Summary: Learning is optimized in computer models when there is an error rate of 15%. Researchers say the 85% accuracy rule may also apply to humans for optimal perceptual learning.
Source: University of Arizona
To learn new things, we must sometimes fail. But what’s the right amount of failure? New research led by the University of Arizona proposes a mathematical answer to that question.
Educators and educational scholars have long recognized that there is something of a “sweet spot” when it comes to learning. That is, we learn best when we are challenged to grasp something just outside the bounds of our existing knowledge. When a challenge is too simple, we don’t learn anything new; likewise, we don’t enhance our knowledge when a challenge is so difficult that we fail entirely or give up.
So where does the sweet spot lie? According to the new study, to be published in the journal Nature Communications, it’s when failure occurs 15% of the time. Put another way, it’s when the right answer is given 85% of the time.
“These ideas that were out there in the education field – that there is this ‘zone of proximal difficulty,’ in which you ought to be maximizing your learning – we’ve put that on a mathematical footing,” said UArizona assistant professor of psychology and cognitive science Robert Wilson, lead author of the study, titled “The Eighty Five Percent Rule for Optimal Learning.”

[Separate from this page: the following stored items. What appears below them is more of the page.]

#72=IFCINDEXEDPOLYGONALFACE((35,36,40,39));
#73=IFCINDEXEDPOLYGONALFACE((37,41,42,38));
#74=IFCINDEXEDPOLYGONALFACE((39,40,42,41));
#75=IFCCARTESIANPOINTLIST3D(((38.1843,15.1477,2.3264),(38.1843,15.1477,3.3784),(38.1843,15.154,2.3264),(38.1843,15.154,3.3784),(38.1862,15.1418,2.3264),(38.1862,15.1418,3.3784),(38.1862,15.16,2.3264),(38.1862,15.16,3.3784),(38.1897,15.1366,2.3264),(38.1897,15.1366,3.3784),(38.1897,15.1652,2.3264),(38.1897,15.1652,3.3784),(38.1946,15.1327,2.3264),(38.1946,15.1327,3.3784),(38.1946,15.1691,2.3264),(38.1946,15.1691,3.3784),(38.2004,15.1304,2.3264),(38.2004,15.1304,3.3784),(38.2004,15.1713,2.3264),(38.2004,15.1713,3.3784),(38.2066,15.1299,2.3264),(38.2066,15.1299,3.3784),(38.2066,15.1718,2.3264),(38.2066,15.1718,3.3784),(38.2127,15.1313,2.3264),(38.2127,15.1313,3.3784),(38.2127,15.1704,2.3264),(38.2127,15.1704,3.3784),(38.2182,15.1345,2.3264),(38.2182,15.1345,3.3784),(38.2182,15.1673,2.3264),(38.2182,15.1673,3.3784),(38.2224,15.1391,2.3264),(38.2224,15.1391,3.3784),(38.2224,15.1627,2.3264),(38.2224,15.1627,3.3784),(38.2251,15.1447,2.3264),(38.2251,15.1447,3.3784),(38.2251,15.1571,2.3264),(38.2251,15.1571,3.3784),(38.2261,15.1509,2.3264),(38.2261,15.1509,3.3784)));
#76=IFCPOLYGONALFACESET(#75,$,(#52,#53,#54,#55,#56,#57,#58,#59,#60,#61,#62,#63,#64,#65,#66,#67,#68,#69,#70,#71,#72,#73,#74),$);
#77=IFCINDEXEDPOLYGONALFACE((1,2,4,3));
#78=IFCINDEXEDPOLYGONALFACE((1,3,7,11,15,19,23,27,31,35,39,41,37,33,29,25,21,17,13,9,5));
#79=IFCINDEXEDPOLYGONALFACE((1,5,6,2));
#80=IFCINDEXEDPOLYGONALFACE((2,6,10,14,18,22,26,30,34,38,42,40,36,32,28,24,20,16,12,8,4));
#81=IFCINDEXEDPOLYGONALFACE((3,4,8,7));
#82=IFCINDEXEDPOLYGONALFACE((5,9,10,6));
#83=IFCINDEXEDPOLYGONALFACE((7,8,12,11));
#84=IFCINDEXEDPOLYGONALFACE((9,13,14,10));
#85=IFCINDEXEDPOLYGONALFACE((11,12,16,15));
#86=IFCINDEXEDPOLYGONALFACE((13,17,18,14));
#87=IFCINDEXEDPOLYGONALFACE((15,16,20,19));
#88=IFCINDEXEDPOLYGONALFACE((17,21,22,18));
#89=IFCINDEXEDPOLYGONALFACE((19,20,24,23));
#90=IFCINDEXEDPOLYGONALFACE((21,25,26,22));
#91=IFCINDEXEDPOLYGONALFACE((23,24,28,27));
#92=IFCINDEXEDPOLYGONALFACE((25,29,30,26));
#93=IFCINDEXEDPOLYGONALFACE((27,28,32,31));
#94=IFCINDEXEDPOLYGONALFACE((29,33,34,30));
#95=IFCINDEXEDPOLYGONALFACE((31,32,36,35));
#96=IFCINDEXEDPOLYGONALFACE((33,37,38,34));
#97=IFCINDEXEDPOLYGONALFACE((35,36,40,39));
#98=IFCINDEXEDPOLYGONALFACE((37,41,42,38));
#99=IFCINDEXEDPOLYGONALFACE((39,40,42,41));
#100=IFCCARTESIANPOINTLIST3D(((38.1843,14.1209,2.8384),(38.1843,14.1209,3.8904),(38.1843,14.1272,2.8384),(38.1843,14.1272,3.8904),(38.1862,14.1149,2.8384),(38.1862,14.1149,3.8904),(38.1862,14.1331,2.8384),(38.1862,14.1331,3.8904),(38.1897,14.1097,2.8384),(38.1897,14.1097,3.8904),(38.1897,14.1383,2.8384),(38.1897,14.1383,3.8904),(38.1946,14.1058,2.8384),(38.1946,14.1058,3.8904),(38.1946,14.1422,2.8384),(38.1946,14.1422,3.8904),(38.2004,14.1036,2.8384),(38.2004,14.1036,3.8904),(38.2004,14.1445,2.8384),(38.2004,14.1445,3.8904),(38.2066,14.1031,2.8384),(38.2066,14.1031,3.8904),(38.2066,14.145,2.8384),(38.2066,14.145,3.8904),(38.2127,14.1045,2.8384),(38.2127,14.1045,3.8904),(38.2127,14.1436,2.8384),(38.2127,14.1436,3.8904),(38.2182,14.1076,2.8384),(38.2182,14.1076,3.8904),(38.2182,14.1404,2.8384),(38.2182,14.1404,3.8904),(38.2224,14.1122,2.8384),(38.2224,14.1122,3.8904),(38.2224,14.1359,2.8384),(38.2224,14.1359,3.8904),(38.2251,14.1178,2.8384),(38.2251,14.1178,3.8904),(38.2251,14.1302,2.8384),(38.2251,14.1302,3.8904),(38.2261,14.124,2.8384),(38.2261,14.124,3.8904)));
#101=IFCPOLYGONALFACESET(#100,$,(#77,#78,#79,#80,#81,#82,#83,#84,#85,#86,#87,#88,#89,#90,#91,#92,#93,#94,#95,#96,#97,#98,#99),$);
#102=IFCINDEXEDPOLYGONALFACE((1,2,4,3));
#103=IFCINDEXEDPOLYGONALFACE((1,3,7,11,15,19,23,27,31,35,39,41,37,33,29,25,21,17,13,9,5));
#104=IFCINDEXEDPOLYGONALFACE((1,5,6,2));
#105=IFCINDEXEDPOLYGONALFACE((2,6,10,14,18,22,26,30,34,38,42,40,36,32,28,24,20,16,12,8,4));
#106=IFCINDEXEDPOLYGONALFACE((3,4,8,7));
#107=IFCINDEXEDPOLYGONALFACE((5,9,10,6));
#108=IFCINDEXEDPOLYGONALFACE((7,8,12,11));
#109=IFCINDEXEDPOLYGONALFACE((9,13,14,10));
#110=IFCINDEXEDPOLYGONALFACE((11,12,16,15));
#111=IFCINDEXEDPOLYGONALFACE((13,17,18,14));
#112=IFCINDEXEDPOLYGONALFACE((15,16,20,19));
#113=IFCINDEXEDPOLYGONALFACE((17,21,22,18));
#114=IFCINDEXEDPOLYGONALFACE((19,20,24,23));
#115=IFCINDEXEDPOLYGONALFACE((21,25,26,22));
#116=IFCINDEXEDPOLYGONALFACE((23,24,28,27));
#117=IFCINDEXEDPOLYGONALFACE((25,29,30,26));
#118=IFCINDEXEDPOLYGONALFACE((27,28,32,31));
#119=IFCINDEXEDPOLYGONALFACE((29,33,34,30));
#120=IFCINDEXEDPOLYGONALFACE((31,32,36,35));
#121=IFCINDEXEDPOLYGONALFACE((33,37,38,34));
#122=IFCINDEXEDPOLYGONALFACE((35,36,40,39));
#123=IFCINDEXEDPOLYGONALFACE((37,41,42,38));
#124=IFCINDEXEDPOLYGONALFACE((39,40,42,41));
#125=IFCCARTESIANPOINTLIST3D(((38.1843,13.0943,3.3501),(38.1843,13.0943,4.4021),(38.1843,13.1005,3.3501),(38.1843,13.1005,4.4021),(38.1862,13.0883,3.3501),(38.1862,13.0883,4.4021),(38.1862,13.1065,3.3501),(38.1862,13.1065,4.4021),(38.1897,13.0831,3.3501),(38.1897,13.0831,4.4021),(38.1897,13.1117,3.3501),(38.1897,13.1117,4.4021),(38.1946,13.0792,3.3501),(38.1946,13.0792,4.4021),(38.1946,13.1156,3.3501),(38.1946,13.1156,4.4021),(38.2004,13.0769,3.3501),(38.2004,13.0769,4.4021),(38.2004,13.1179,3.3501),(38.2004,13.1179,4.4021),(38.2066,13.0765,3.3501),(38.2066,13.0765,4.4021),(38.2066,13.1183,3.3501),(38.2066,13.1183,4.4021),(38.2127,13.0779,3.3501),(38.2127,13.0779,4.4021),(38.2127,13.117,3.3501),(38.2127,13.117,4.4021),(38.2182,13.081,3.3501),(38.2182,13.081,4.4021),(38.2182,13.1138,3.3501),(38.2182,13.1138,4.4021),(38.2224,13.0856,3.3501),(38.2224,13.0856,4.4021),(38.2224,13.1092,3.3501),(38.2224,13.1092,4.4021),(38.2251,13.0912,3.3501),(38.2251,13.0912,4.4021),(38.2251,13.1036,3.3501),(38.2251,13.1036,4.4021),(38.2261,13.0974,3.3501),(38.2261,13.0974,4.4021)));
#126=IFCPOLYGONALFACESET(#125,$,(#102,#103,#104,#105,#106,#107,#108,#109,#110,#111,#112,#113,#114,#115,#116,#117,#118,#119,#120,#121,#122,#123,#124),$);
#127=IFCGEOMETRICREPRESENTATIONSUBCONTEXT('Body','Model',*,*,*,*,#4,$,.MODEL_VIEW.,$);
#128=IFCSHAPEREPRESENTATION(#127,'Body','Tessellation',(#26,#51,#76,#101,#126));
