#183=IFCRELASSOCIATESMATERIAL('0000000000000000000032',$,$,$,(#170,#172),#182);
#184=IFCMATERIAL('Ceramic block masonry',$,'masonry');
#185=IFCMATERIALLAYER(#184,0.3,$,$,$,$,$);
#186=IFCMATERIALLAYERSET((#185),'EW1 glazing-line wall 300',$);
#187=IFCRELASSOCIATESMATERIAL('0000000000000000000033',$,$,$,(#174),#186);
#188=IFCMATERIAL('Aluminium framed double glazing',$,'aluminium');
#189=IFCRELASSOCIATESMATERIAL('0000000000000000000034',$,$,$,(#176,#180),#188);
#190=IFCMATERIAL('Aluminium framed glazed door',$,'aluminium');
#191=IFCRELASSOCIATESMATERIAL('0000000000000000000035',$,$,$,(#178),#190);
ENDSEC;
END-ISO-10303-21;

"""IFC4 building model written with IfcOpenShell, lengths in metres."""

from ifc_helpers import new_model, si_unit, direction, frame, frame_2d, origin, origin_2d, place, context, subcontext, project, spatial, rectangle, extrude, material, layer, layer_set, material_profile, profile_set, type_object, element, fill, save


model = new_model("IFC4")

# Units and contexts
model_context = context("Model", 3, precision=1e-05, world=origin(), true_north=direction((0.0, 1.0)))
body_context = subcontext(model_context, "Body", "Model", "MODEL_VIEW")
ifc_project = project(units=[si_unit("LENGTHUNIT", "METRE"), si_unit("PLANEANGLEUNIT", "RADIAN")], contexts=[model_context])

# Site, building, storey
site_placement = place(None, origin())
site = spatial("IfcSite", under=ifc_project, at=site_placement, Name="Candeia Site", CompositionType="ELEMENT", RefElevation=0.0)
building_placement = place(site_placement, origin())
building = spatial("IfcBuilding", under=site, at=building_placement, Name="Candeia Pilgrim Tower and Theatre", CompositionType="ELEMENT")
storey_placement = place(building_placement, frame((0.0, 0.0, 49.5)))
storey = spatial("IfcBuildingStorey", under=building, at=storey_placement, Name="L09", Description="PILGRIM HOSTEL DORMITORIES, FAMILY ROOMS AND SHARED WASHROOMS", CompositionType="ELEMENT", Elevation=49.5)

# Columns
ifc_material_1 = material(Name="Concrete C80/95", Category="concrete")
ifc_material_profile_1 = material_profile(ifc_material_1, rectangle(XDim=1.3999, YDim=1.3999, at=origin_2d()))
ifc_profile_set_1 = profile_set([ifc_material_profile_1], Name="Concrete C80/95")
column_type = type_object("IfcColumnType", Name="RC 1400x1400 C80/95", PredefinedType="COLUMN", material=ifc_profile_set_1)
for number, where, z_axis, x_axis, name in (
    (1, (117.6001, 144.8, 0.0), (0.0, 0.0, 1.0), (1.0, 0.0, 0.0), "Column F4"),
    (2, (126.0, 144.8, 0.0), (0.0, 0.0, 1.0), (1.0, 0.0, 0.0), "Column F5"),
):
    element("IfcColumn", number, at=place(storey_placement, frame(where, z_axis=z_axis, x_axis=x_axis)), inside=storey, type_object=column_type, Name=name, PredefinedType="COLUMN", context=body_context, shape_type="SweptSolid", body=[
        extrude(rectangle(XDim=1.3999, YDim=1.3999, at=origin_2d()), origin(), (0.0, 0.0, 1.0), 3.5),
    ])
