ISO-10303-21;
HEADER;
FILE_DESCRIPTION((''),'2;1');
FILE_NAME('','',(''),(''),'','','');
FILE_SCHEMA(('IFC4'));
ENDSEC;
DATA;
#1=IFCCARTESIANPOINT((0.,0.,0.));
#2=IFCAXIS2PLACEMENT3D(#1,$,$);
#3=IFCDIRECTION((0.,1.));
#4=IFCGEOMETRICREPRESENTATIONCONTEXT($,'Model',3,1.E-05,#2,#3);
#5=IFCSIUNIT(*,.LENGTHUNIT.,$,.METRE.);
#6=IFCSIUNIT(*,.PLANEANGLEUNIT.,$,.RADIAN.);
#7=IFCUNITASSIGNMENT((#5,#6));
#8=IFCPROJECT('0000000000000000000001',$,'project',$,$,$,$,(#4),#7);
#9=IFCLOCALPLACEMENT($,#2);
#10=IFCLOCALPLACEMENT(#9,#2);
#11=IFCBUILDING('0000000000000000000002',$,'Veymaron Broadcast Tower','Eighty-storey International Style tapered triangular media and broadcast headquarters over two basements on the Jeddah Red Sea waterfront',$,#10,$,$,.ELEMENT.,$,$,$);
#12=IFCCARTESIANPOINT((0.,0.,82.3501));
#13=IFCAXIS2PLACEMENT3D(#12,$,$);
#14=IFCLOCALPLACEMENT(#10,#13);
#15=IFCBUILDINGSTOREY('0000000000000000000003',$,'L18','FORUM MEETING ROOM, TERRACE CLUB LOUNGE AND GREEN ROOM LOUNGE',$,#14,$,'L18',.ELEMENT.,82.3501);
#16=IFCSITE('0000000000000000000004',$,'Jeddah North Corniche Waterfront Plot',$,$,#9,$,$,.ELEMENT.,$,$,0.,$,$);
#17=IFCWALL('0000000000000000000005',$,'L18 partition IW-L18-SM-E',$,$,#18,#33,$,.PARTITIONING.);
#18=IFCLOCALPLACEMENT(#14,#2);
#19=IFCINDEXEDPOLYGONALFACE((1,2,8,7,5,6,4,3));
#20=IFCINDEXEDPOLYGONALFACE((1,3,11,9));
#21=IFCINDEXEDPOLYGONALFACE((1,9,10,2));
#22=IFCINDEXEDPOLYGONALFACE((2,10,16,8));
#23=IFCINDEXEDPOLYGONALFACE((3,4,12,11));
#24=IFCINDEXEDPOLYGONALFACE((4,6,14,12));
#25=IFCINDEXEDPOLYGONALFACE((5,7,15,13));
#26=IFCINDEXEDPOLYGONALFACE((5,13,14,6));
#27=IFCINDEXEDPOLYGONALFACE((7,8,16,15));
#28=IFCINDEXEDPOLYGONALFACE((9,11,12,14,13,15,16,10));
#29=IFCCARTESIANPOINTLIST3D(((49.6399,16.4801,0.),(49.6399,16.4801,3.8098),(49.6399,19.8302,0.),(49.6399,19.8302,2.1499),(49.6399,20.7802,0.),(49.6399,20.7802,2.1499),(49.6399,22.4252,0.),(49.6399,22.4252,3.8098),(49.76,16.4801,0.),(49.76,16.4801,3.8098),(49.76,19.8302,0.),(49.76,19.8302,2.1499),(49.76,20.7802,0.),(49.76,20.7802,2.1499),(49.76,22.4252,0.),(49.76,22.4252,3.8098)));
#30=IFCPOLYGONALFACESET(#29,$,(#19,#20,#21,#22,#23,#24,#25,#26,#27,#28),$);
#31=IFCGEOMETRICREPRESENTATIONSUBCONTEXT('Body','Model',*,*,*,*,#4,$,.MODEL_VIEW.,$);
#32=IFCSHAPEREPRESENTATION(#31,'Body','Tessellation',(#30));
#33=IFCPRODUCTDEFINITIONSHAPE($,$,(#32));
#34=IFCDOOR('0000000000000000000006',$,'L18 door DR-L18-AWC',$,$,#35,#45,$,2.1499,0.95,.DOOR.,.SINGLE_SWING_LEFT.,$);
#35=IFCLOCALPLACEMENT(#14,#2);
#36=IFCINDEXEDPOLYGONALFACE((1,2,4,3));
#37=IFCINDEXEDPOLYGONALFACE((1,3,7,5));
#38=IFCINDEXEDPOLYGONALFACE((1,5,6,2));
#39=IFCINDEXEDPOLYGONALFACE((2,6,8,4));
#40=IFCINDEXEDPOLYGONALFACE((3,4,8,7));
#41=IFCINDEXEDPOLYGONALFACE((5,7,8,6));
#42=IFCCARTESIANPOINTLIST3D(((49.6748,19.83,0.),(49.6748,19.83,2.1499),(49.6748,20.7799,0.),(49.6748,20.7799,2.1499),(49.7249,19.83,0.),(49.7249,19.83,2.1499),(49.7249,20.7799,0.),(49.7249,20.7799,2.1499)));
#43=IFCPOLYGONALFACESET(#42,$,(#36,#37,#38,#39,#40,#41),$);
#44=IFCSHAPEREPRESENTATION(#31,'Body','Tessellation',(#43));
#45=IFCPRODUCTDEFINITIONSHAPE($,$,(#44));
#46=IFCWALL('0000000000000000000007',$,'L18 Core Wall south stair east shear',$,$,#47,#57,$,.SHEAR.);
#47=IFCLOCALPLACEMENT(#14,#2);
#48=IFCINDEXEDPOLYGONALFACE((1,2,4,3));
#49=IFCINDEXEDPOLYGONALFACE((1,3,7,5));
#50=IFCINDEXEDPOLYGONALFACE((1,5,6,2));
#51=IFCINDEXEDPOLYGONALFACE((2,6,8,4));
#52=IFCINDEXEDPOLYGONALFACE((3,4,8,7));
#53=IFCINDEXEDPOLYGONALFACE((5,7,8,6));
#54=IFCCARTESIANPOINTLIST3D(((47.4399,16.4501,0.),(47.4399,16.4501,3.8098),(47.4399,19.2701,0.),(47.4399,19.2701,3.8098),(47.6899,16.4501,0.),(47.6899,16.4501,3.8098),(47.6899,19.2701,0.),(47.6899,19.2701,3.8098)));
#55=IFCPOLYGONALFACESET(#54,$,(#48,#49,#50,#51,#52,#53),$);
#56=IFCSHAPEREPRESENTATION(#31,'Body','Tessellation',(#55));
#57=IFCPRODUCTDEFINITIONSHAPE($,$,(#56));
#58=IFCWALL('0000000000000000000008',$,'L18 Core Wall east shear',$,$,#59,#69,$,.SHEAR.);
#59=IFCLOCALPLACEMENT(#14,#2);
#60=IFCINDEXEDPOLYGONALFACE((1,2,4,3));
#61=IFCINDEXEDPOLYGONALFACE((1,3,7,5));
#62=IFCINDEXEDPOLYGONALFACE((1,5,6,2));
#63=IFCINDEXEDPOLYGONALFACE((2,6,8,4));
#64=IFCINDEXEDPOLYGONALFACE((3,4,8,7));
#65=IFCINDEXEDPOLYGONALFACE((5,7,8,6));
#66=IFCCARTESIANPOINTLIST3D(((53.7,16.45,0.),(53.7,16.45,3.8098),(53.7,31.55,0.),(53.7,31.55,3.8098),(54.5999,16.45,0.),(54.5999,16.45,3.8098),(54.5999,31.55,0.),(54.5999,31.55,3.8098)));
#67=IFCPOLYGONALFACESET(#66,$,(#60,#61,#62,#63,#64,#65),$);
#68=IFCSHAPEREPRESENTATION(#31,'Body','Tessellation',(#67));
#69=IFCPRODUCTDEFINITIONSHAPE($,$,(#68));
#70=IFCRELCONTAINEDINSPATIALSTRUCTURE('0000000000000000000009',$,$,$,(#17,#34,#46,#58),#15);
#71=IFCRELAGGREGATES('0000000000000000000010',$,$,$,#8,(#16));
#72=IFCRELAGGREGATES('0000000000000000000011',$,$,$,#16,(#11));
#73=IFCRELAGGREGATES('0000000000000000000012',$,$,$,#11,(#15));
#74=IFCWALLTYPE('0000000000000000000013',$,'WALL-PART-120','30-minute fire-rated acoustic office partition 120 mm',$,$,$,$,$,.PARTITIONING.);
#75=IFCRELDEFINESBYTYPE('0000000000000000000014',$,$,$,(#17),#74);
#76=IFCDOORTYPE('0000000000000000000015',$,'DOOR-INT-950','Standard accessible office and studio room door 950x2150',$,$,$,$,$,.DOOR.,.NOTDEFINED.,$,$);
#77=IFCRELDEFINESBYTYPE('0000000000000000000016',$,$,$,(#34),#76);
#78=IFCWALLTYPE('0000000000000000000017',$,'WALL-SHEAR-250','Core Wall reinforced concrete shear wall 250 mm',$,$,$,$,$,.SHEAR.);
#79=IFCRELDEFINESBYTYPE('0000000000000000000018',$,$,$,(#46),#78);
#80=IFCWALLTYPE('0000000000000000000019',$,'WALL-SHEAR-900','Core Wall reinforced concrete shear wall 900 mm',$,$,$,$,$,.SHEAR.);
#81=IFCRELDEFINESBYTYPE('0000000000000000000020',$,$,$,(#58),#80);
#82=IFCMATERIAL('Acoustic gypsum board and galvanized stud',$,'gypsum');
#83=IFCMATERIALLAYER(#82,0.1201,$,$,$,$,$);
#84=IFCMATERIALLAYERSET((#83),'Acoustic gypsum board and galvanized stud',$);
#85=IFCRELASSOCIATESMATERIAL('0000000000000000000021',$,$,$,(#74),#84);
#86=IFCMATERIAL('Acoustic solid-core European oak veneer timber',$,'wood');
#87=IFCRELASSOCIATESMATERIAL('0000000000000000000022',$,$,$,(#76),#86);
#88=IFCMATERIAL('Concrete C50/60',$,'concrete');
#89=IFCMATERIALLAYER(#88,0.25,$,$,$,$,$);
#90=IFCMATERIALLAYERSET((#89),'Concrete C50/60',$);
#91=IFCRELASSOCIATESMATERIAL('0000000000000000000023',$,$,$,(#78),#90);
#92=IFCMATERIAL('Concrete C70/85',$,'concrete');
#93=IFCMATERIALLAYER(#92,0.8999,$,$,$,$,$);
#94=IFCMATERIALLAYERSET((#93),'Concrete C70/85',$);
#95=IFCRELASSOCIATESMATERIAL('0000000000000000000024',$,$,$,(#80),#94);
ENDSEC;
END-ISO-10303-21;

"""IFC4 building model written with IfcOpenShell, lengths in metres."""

from ifc_helpers import new_model, si_unit, direction, frame, frame_2d, origin, place, context, subcontext, project, spatial, rectangle, extrude, material, layer, layer_set, type_object, element, fill, save


model = new_model("IFC4")

# Units and contexts
model_context = context("Model", 3, precision=1e-05, world=origin(), true_north=direction((0.0, 1.0)))
body_context = subcontext(model_context, "Body", "Model", "MODEL_VIEW")
ifc_project = project(units=[si_unit("LENGTHUNIT", "METRE"), si_unit("PLANEANGLEUNIT", "RADIAN")], contexts=[model_context])

# Site, building, storey
site_placement = place(None, origin())
site = spatial("IfcSite", under=ifc_project, at=site_placement, Name="Jeddah North Corniche Waterfront Plot", CompositionType="ELEMENT", RefElevation=0.0)
building_placement = place(site_placement, origin())
building = spatial("IfcBuilding", under=site, at=building_placement, Name="Veymaron Broadcast Tower", Description="Eighty-storey International Style tapered triangular media and broadcast headquarters over two basements on the Jeddah Red Sea waterfront", CompositionType="ELEMENT")
storey_placement = place(building_placement, frame((0.0, 0.0, 82.3501)))
storey = spatial("IfcBuildingStorey", under=building, at=storey_placement, Name="L18", Description="FORUM MEETING ROOM, TERRACE CLUB LOUNGE AND GREEN ROOM LOUNGE", LongName="L18", CompositionType="ELEMENT", Elevation=82.3501)

# Wall, opening, door
ifc_material_1 = material(Name="Acoustic gypsum board and galvanized stud", Category="gypsum")
ifc_layer_1 = layer(ifc_material_1, 0.1201)
ifc_layer_set_1 = layer_set([ifc_layer_1], Name="Acoustic gypsum board and galvanized stud")
wall_type_1 = type_object("IfcWallType", Name="WALL-PART-120", Description="30-minute fire-rated acoustic office partition 120 mm", PredefinedType="PARTITIONING", material=ifc_layer_set_1)
wall_1_placement = place(storey_placement, frame((49.7, 16.48, 0.0), z_axis=(0.0, 0.0, 1.0), x_axis=(0.0, 1.0, 0.0)))
wall_1 = element("IfcWall", 1, at=wall_1_placement, inside=storey, type_object=wall_type_1, Name="L18 partition IW-L18-SM-E", PredefinedType="PARTITIONING", context=body_context, shape_type="SweptSolid", body=[
    extrude(rectangle(XDim=5.9451, YDim=0.1201, at=frame_2d((2.9727, 0.0))), origin(), (0.0, 0.0, 1.0), 3.8098),
])
opening_1_placement = place(wall_1_placement, frame((3.3501, 0.0, 0.0)))
opening_1 = element("IfcOpeningElement", 2, at=opening_1_placement, cuts=wall_1, PredefinedType="OPENING", context=body_context, shape_type="SweptSolid", body=[
    extrude(rectangle(XDim=0.95, YDim=2.1499, at=frame_2d((0.4751, 1.075))), frame((0.0, 0.0701, 0.0), z_axis=(0.0, -1.0, 0.0), x_axis=(1.0, 0.0, 0.0)), (0.0, 0.0, 1.0), 0.1401),
])
ifc_material_2 = material(Name="Acoustic solid-core European oak veneer timber", Category="wood")
door_type_1 = type_object("IfcDoorType", Name="DOOR-INT-950", Description="Standard accessible office and studio room door 950x2150", OperationType="NOTDEFINED", PredefinedType="DOOR", material=ifc_material_2)
door_1_placement = place(opening_1_placement, frame((0.95, 0.0, 0.0), z_axis=(0.0, 0.0, 1.0), x_axis=(-1.0, 0.0, 0.0)))
door_1 = element("IfcDoor", 3, at=door_1_placement, inside=storey, type_object=door_type_1, Name="L18 door DR-L18-AWC", OperationType="SINGLE_SWING_LEFT", OverallHeight=2.1499, OverallWidth=0.95, PredefinedType="DOOR", context=body_context, shape_type="SweptSolid", body=[
    extrude(rectangle(XDim=0.95, YDim=2.1499, at=frame_2d((0.4751, 1.075))), frame((0.0, 0.0249, 0.0), z_axis=(0.0, -1.0, 0.0), x_axis=(1.0, 0.0, 0.0)), (0.0, 0.0, 1.0), 0.05),
])
fill(opening_1, door_1)

# Walls
ifc_material_3 = material(Name="Concrete C50/60", Category="concrete")
ifc_layer_2 = layer(ifc_material_3, 0.25)
ifc_layer_set_2 = layer_set([ifc_layer_2], Name="Concrete C50/60")
wall_type_2 = type_object("IfcWallType", Name="WALL-SHEAR-250", Description="Core Wall reinforced concrete shear wall 250 mm", PredefinedType="SHEAR", material=ifc_layer_set_2)
wall_2_placement = place(storey_placement, frame((47.5649, 16.45, 0.0), z_axis=(0.0, 0.0, 1.0), x_axis=(0.0, 1.0, 0.0)))
element("IfcWall", 4, at=wall_2_placement, inside=storey, type_object=wall_type_2, Name="L18 Core Wall south stair east shear", PredefinedType="SHEAR", context=body_context, shape_type="SweptSolid", body=[
    extrude(rectangle(XDim=2.8201, YDim=0.25, at=frame_2d((1.4102, 0.0))), origin(), (0.0, 0.0, 1.0), 3.8098),
])
ifc_material_4 = material(Name="Concrete C70/85", Category="concrete")
ifc_layer_3 = layer(ifc_material_4, 0.8999)
ifc_layer_set_3 = layer_set([ifc_layer_3], Name="Concrete C70/85")
wall_type_3 = type_object("IfcWallType", Name="WALL-SHEAR-900", Description="Core Wall reinforced concrete shear wall 900 mm", PredefinedType="SHEAR", material=ifc_layer_set_3)
wall_3_placement = place(storey_placement, frame((54.1499, 16.45, 0.0), z_axis=(0.0, 0.0, 1.0), x_axis=(0.0, 1.0, 0.0)))
element("IfcWall", 5, at=wall_3_placement, inside=storey, type_object=wall_type_3, Name="L18 Core Wall east shear", PredefinedType="SHEAR", context=body_context, shape_type="SweptSolid", body=[
    extrude(rectangle(XDim=15.1001, YDim=0.8999, at=frame_2d((7.55, 0.0))), origin(), (0.0, 0.0, 1.0), 3.8098),
])

save(model, "model.ifc")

Wilson and his collaborators at Brown University, the University of California, Los Angeles and Princeton came up with the so-called “85% Rule” after conducting a series of machine-learning experiments in which they taught computers simple tasks, such as classifying different patterns into one of two categories or classifying photographs of handwritten digits as odd versus even numbers, or low versus high numbers.
The computers learned fastest in situations in which the difficulty was such that they responded with 85% accuracy.
“If you have an error rate of 15% or accuracy of 85%, you are always maximizing your rate of learning in these two-choice tasks,” Wilson said.
When researchers looked at previous studies of animal learning, they found that the 85% Rule held true in those instances as well, Wilson said.
When we think about how humans learn, the 85% Rule would mostly likely apply to perceptual learning, in which we gradually learn through experience and examples, Wilson said. Imagine, for instance, a radiologist learning to tell the difference between images of tumors and non-tumors.
“You get better at figuring out there’s a tumor in an image over time, and you need experience and you need examples to get better,” Wilson said. “I can imagine giving easy examples and giving difficult examples and giving intermediate examples. If I give really easy examples, you get 100% right all the time and there’s nothing left to learn. If I give really hard examples, you’ll be 50% correct and still not learning anything new, whereas if I give you something in between, you can be at this sweet spot where you are getting the most information from each particular example.”
Since Wilson and his collaborators were looking only at simple tasks in which there was a clear correct and incorrect answer, Wilson won’t go so far as to say that students should aim for a B average in school. However, he does think there might be some lessons for education that are worth further exploration.
“If you are taking classes that are too easy and acing them all the time, then you probably aren’t getting as much out of a class as someone who’s struggling but managing to keep up,” he said. “The hope is we can expand this work and start to talk about more complicated forms of learning.”
About this neuroscience research article
Source: University of Arizona Media Contacts: Alexis Blue – University of Arizona Image Source: The image is in the public domain.
Researchers and educators have long wrestled with the question of how best to teach their clients be they humans, non-human animals or machines. Here, we examine the role of a single variable, the difficulty of training, on the rate of learning. In many situations we find that there is a sweet spot in which training is neither too easy nor too hard, and where learning progresses most quickly. We derive conditions for this sweet spot for a broad class of learning algorithms in the context of binary classification tasks. For all of these stochastic gradient-descent based learning algorithms, we find that the optimal error rate for training is around 15.87% or, conversely, that the optimal training accuracy is about 85%. We demonstrate the efficacy of this ‘Eighty Five Percent Rule’ for artificial neural networks used in AI and biologically plausible neural networks thought to describe animal learning.